9月公演「庭」の参考資料として
『般若経』と『般若心経』
前説で、『般若経』とは『智慧の心髄』という意味で、仏のさとりの心髄を説いているお経であると述べたが、本説は少し別の角度から、その意味を考えてみることにしよう。
『般若心経』の『心』というのはサンスクリット語(梵語)のブリダヤの訳で、心臓。ハートの意味である。心臓は身体の中心で、命の源であるから、転じて、ものごとの核心、心髄、精髄、エッセンスの意に用いられる。
『般若心経』が般若の核心を説いたお経であるということは、般若のことを詳しくさらに説いた経典もあることを示している。それが、あの大般若会で転読される『大般若経』六百巻である。
六百巻という膨大な量の経典が、その中味をせんじつめれば、二百六十二文字の心経になる。その意味では、『般若心経』は『大般若経』の内容を要約して、その核心となるところ、さわりの部分だけを説いた経典であると説明することができよう。
ところで、漢訳の大蔵経をみると、この大小両極端の般若経のほかにも、いろいろな種類の般若経がある。たとえば、曹洞宗でよく読頌する『金剛経』もその一つで、詳しくは『金剛般若波羅密経』とよぶ。『大般若経』や『般若心経』は、唐の玄奘三蔵が訳したものであるが、『金剛経』は鳩摩羅什(クマーラジーヴァ)すなわち羅什三蔵の訳したものを用いている。

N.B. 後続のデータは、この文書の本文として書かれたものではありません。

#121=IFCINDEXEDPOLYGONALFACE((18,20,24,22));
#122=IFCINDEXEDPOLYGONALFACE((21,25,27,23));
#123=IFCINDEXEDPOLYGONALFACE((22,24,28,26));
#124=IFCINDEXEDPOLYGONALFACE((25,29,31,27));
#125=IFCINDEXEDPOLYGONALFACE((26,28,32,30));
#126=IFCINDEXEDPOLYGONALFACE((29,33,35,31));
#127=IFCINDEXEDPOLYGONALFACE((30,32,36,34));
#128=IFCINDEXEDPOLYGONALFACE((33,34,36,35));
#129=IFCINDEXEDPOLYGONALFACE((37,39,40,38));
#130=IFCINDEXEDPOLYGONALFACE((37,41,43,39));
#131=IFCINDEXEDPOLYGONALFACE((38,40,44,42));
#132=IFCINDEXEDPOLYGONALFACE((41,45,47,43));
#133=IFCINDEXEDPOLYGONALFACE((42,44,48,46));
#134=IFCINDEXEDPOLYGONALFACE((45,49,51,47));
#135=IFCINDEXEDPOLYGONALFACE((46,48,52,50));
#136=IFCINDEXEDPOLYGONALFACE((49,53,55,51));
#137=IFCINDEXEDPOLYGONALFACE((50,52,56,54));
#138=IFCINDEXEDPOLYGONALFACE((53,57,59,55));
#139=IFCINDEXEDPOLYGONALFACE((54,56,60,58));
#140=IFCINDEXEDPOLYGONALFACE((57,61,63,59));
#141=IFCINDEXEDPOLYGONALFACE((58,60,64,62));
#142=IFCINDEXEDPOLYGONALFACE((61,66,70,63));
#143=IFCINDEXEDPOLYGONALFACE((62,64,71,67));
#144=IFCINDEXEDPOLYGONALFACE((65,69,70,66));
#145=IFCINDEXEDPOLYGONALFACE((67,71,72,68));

羅什三蔵の訳したものでは、そのほか『『大品般若(だいぼんはんにゃ)』とよばれる二十七巻の「摩訶般若波羅密経」や、『小品(しょうぼん)般若』とよばれる十巻の同名の経なども重要で、よく用いられている。
じつは『『大般若』の六百巻というのは、このようないろいろの般若経を集めて、一まとめにしたもので、現代風に言えば、さしずめ般若経全集といったところである。すなわち、『大般若』は初会から十六会までに分かれているが、その一つ一つが元来完結した経典だったわけで、たとえば『『大品般若』は第二会に相当し、『金剛経』は第九会に相当する。
『会(え)』というのは法会あるいは法座ということで、仏の説法を聴聞するために集った集会をさす。世尊が、ある時、ある場所で説かれた教えを一会と勘定する。したがって[大般若』十六会は、別の言い方をすれば、十六回にわたって行われた「般若波羅密」についての説法の集大成と考えてもよいであろう。

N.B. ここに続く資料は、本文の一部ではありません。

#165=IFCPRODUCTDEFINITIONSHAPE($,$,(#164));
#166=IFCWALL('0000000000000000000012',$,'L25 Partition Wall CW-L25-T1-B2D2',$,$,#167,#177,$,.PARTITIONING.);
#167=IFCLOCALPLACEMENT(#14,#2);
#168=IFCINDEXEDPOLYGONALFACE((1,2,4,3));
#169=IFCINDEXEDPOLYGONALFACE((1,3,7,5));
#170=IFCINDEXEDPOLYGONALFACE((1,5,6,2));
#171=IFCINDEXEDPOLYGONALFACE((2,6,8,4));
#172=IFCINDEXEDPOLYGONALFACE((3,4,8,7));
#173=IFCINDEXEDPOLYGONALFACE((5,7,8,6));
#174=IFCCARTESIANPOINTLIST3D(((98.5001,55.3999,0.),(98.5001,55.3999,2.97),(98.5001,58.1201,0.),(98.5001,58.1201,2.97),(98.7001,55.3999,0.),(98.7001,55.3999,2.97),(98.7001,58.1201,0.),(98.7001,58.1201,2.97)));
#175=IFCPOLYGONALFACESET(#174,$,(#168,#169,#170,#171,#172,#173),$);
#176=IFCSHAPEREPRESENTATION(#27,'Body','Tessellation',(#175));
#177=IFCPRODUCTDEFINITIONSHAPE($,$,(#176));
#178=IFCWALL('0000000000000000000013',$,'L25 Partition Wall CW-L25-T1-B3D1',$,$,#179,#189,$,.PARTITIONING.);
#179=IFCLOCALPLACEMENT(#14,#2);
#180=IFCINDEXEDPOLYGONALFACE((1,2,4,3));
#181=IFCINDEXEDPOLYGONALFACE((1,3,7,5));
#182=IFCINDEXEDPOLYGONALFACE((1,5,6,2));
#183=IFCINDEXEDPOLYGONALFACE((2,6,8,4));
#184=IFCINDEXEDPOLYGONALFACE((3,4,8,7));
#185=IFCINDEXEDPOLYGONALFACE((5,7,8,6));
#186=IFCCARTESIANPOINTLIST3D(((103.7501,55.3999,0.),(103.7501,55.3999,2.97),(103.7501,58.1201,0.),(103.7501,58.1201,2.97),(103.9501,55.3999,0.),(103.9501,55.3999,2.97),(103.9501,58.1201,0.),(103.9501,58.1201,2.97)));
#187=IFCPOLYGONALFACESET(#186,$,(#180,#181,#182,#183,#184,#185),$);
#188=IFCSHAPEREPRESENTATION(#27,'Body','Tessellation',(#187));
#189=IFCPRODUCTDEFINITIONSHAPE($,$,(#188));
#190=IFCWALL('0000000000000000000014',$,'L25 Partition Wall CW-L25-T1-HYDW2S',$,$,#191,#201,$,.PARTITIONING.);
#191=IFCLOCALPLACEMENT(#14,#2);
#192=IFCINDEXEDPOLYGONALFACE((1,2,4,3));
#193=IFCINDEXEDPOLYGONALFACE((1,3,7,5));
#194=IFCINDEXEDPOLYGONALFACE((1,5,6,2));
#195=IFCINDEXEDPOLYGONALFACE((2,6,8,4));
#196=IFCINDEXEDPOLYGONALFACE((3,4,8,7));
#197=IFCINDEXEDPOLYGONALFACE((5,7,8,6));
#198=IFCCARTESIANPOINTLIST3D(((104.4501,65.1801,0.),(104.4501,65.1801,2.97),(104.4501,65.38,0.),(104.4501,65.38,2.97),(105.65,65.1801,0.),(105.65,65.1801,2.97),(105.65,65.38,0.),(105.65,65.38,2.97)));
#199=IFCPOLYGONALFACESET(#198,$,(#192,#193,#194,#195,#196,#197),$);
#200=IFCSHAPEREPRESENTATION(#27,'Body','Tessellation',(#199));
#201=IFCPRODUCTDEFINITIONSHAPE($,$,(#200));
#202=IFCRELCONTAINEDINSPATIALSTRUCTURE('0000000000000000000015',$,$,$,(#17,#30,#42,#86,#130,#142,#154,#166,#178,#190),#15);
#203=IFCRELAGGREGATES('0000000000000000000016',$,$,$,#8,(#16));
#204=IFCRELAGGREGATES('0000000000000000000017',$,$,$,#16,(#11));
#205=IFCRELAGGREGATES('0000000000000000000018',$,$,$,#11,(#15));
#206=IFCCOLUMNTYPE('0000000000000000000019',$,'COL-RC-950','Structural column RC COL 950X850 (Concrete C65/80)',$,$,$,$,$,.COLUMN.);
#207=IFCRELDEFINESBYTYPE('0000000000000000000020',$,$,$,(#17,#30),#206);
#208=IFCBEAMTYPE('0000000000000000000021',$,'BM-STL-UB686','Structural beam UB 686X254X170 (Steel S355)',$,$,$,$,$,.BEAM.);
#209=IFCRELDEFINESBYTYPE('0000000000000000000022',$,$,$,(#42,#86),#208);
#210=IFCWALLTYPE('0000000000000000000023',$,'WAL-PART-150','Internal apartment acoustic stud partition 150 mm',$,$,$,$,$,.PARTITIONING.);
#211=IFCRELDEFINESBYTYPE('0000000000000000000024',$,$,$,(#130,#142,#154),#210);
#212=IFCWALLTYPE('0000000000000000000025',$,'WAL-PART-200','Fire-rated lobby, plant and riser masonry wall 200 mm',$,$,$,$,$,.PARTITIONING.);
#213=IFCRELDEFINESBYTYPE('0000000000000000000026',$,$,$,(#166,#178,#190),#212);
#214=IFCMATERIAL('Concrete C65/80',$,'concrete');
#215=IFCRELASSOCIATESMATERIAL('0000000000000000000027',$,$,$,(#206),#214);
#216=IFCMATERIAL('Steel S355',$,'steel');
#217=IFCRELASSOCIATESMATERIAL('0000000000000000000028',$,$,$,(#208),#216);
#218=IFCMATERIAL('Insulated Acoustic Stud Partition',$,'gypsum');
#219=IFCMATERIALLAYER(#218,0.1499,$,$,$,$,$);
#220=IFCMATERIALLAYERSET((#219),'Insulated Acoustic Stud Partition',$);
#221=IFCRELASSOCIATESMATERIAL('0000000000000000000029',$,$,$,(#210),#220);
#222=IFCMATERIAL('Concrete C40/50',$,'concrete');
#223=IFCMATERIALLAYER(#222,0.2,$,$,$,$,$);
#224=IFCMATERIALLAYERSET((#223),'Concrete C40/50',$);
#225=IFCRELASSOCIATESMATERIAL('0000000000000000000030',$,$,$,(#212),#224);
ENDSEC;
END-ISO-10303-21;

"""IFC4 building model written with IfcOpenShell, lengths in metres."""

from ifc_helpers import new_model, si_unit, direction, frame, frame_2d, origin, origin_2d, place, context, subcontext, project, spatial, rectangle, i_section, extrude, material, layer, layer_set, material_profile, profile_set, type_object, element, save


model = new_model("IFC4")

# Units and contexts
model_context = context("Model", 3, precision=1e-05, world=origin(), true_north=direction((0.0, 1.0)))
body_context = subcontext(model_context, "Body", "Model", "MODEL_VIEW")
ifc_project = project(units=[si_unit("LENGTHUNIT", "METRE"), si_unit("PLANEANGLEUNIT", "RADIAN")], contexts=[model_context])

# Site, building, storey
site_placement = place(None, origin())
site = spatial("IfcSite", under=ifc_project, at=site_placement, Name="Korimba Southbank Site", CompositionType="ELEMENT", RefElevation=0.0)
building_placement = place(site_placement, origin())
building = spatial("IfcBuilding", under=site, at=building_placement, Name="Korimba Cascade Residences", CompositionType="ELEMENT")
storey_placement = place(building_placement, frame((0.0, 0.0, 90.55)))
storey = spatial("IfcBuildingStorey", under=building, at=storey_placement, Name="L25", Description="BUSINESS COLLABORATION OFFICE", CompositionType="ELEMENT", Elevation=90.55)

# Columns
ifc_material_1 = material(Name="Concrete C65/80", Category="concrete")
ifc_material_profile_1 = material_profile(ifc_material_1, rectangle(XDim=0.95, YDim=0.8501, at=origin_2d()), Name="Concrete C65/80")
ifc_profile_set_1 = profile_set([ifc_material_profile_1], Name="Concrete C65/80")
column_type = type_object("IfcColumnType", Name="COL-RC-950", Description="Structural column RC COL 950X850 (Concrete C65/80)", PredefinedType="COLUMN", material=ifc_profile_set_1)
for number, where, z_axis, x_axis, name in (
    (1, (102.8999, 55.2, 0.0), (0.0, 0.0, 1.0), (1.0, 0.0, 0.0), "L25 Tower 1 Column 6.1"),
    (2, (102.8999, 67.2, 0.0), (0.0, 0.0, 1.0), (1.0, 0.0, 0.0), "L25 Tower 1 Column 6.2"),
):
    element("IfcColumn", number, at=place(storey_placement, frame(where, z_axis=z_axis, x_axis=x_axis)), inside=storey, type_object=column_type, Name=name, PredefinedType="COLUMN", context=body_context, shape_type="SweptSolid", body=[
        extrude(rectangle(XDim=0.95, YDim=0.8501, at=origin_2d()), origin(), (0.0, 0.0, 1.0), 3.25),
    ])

仏さまは、よほどこの「般若波羅密」ということをだいじに考えられたのであろう。何度もくりかえしくりかえし、ある時は長く、ある時は短くその教えを説かれたというわけである。
そのような、般若波羅密についての教えのうちで、一番短いのが『般若心経』なのであるが、しかし、じつは、『般若心経』は『大般若』六百巻の中には含まれていない。あまりにも短編なので省いたのかどうかは知らないが、その成立から言うと、『大品般若』の原典あたりから、文字どおり要文を抄録して編集したものであるらしい。

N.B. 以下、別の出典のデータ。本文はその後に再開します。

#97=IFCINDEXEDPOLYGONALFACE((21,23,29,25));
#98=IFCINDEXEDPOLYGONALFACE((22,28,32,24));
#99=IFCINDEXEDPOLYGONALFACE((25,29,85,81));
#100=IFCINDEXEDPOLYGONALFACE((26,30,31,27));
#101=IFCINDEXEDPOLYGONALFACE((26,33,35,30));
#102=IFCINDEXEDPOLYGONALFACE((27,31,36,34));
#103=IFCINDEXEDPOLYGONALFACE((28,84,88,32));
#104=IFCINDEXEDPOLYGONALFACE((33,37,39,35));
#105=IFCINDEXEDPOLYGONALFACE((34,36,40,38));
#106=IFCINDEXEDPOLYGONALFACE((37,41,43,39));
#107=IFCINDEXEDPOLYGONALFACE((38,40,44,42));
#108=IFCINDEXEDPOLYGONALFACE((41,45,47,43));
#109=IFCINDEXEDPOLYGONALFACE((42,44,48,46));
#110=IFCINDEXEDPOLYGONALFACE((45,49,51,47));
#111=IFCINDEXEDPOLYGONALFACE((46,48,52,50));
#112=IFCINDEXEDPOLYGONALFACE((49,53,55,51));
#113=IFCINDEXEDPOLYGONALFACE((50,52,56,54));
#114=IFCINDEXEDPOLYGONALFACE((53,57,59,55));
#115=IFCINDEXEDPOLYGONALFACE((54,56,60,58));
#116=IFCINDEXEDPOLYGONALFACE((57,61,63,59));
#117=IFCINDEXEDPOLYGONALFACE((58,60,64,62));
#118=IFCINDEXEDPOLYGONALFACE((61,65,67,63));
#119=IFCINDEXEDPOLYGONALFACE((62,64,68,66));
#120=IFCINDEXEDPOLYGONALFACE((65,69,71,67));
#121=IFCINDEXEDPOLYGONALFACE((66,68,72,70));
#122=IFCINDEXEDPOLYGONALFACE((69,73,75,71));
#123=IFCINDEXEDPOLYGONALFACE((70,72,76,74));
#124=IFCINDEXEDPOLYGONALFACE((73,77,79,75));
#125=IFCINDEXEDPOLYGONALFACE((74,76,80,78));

『大般若経』は、玄奘の訳をはじめとして、七種の異訳が伝わっているが、羅什訳の存在からみて、おそくても四世紀にはすでに成立していたようである。
ここで、少し「お経」の形式について触れておきたい。
「お経」は<如是我聞(にょぜがもん)>ではじまり、<信受奉行(しんじゅぶぎょう)>で終る」とは、よく言われることであるが、世尊が、いつ、どこで説法し、その会座に誰がいたかといったことを記した「序文(じょぶん)」と教えの内容をなす主要部分としての「正宗分(しょうしゅうぶん)」と、その経説の宣布の委嘱などを含み、「聴くもの皆おおいに歓喜して、信受奉行せり」といった句で終る、「流通分(るつうぶん)」の三分よりなるのが通常の形式である。
この形式と照らし合わせると、『般若心経』には、如是我聞もないし、説時説処もないし、結びの部分もない。したがって形式的には、はなはだ不完全な経典だといわざるをえない。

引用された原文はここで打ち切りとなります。